Добавить в цитаты Настройки чтения

Страница 2 из 12



С этой именно сущностью и имел дело не кто иной, как Кант. Мы привыкли обращать внимание на принципиально вселенскую претензию категорического императива, доходящую до декларируемой слепоты в отношении сорного эмпирического: ничто не должно сбить тебя с пути истинного, не должно быть никакой обратной связи – живи под юрисдикцией свободы, и пусть директивы иного, будь то Дух тяжести или принятый социальный порядок, вызывают у тебя то недоумение, то презрение, то улыбку. Пусть нравственные законы этого мира и будут для тебя единственными непреложными законами.

Императивы чистого практического разума действует, невзирая ни на что, – и какие еще нужны аргументы в пользу универсальности, всеобщности этих этических и экзистенциальных принципов. Эмпирические поправки к «нравственному закону во мне» исключены, и это делает кантовскую систему одной из самых ригористических.

Однако все дело в том, что нравственное законодательство осуществляется изнутри, потому оно и называется принципом свободы. Мысленно переходя от одного императива к другому, мы всюду видим незыблемость моральных установок, но совсем не обязательно тех же самых установок.
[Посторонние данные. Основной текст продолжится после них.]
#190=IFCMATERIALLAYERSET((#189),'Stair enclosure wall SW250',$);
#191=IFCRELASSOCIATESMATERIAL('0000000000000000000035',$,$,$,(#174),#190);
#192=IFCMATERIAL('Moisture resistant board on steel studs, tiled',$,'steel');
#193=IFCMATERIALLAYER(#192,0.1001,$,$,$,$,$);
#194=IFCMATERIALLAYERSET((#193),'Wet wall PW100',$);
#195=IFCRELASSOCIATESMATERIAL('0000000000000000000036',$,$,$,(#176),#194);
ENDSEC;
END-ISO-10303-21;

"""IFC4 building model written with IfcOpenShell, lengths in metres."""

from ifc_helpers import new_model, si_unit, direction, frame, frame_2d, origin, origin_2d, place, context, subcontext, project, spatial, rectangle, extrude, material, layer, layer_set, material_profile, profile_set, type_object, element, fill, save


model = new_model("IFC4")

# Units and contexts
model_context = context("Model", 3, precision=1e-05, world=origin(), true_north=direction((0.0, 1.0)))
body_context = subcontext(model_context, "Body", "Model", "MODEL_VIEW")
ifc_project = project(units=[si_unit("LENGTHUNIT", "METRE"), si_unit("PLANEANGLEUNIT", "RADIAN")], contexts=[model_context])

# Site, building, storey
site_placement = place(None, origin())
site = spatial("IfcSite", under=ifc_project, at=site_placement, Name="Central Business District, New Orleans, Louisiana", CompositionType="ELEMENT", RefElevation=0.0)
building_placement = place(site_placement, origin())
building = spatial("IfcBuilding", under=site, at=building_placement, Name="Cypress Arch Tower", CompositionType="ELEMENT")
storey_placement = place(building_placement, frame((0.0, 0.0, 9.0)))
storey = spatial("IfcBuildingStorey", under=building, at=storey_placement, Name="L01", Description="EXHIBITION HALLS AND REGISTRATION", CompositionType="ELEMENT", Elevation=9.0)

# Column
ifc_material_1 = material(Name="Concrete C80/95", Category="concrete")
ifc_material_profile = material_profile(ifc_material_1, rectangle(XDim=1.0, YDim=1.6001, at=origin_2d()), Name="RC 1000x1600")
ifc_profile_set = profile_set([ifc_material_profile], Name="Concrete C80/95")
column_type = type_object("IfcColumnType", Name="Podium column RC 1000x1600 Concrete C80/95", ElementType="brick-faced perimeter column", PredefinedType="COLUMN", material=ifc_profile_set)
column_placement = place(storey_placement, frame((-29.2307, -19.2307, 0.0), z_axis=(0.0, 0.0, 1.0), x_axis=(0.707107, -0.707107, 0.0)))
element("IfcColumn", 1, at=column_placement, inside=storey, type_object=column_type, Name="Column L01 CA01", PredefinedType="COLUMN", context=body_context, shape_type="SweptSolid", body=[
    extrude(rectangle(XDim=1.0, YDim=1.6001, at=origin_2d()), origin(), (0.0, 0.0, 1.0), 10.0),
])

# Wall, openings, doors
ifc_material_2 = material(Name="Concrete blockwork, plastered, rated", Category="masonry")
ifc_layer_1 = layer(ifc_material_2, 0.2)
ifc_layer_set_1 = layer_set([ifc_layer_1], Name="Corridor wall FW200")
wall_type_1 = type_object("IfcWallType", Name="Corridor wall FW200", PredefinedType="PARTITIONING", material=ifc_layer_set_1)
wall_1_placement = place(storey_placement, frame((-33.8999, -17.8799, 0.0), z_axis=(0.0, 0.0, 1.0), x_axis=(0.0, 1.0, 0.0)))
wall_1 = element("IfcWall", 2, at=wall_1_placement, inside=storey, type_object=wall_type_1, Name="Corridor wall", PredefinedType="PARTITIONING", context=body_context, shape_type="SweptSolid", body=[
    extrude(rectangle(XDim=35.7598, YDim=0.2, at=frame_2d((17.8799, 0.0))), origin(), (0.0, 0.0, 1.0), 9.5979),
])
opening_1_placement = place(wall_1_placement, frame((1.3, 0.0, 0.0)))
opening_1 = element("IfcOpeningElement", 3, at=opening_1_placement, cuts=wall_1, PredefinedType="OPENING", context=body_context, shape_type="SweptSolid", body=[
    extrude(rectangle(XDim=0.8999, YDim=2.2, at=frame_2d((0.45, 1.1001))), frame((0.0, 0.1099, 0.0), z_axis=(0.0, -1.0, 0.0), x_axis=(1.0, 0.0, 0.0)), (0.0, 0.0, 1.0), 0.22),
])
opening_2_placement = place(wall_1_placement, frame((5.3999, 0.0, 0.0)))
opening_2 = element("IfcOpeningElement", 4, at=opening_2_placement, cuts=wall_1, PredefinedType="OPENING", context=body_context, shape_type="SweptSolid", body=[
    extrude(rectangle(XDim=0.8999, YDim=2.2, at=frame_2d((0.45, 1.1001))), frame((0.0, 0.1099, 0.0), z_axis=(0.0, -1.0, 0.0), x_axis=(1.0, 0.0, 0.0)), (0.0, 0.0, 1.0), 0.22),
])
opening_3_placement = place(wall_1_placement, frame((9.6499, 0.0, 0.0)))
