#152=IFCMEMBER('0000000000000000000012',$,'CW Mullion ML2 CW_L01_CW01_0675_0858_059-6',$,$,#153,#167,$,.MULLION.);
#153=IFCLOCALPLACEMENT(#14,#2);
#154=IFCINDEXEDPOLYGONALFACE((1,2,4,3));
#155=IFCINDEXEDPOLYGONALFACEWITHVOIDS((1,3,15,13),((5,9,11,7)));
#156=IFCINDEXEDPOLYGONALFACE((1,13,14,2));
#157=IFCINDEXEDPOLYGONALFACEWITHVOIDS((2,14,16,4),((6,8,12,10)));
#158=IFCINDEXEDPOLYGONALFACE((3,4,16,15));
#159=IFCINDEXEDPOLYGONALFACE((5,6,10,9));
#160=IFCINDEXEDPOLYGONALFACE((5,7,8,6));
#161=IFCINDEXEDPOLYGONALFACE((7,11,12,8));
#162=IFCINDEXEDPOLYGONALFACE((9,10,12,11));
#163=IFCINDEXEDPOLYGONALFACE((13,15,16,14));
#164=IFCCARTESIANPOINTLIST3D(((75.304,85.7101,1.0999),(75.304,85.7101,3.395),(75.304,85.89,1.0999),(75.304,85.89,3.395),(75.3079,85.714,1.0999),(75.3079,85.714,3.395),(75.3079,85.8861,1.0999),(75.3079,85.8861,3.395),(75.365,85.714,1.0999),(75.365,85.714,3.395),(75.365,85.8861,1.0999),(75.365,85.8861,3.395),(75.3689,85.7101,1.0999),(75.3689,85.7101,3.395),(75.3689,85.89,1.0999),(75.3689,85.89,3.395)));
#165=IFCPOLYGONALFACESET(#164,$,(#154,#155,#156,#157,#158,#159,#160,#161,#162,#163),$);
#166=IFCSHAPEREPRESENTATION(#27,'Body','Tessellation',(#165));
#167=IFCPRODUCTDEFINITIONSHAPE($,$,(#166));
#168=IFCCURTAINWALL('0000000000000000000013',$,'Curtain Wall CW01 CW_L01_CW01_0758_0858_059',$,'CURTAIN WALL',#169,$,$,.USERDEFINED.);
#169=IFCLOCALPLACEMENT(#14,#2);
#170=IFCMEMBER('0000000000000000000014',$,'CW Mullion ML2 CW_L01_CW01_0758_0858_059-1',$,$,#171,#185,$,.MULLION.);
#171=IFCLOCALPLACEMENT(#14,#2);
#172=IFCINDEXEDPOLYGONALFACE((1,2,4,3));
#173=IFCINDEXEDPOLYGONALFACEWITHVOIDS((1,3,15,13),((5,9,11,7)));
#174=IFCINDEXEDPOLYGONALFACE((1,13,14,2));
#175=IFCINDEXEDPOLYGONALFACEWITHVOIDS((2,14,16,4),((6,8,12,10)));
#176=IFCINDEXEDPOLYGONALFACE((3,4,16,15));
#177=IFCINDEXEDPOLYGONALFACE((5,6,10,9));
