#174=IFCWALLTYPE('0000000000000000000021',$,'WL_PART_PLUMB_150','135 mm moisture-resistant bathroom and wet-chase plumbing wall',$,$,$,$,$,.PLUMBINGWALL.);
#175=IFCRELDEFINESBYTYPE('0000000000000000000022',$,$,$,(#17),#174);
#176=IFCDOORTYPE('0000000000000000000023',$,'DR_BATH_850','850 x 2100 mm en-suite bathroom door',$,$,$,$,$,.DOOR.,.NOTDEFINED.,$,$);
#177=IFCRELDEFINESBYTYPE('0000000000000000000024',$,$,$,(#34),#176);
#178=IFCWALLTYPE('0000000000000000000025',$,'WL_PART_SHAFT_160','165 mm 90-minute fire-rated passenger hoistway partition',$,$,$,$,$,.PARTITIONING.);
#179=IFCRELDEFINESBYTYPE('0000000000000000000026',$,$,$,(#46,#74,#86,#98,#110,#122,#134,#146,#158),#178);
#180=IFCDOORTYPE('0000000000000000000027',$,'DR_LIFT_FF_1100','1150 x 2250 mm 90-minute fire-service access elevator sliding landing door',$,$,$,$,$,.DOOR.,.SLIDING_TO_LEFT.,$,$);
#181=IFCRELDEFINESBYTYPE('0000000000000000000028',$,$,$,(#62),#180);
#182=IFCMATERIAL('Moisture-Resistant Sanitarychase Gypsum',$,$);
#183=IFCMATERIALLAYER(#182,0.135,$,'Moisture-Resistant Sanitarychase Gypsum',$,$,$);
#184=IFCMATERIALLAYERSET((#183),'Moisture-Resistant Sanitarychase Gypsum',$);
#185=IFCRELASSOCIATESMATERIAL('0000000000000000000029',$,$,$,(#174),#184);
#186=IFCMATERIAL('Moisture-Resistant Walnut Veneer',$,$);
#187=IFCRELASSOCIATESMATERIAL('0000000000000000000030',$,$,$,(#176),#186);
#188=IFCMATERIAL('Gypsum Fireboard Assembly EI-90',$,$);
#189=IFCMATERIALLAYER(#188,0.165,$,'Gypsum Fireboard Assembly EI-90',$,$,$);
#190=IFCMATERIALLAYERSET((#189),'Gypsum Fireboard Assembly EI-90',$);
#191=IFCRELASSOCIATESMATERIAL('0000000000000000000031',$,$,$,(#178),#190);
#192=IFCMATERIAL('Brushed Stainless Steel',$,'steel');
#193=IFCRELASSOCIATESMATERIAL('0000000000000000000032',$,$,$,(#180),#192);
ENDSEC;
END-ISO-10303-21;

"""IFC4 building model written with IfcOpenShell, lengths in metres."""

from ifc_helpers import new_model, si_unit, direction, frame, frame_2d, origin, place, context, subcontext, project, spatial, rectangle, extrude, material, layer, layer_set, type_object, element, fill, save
О тождественности содержания категорических императивов у Канта ничего не сказано, более того, у него вообще ничего не сказано о содержании суверенного законодательства практического разума. Фактически перед нами демиургия как манифестация чистой свободы воли. Продуцируемые миры могут быть почти тождественными, а могут не иметь друг с другом ничего общего, кроме самой аподиктичности и принципа als ob. Каждый акт суверенной демиургии начинается со слов «Да будет!», но дальше возможны разночтения, в одном случае – Да будет так!, в другом – Да будет иначе!

С этой поправкой кантовский ригоризм приобретает совершенно иной смысл, и его выявляющаяся парадоксальность оставляет позади Франсуа Вийона. Между тем здесь сама суть взглядов Канта на свободу и феномен человека, и остается только удивляться, почему антиномии чистого теоретического разума сформулированы эксплицитно и внятно, а единственная антиномия чистого практического разума до сих пор не эксплицирована. Впрочем, представить ее в эксплицитном виде совсем не трудно.

а) Максимы чистого практического разума носят характер абсолютно универсального общеобязательного закона.

б) Максимы чистого практического разума суть манифестации моей свободной воли и не могут быть мне навязаны извне.

Даже в скрытом виде эта антиномия породила множество дежурных парадоксов вроде допустимости лжи во спасение, но они органично встроены в саму материю этического, подобно тому как муки совести являются главным, если не единственным, содержанием самой совести.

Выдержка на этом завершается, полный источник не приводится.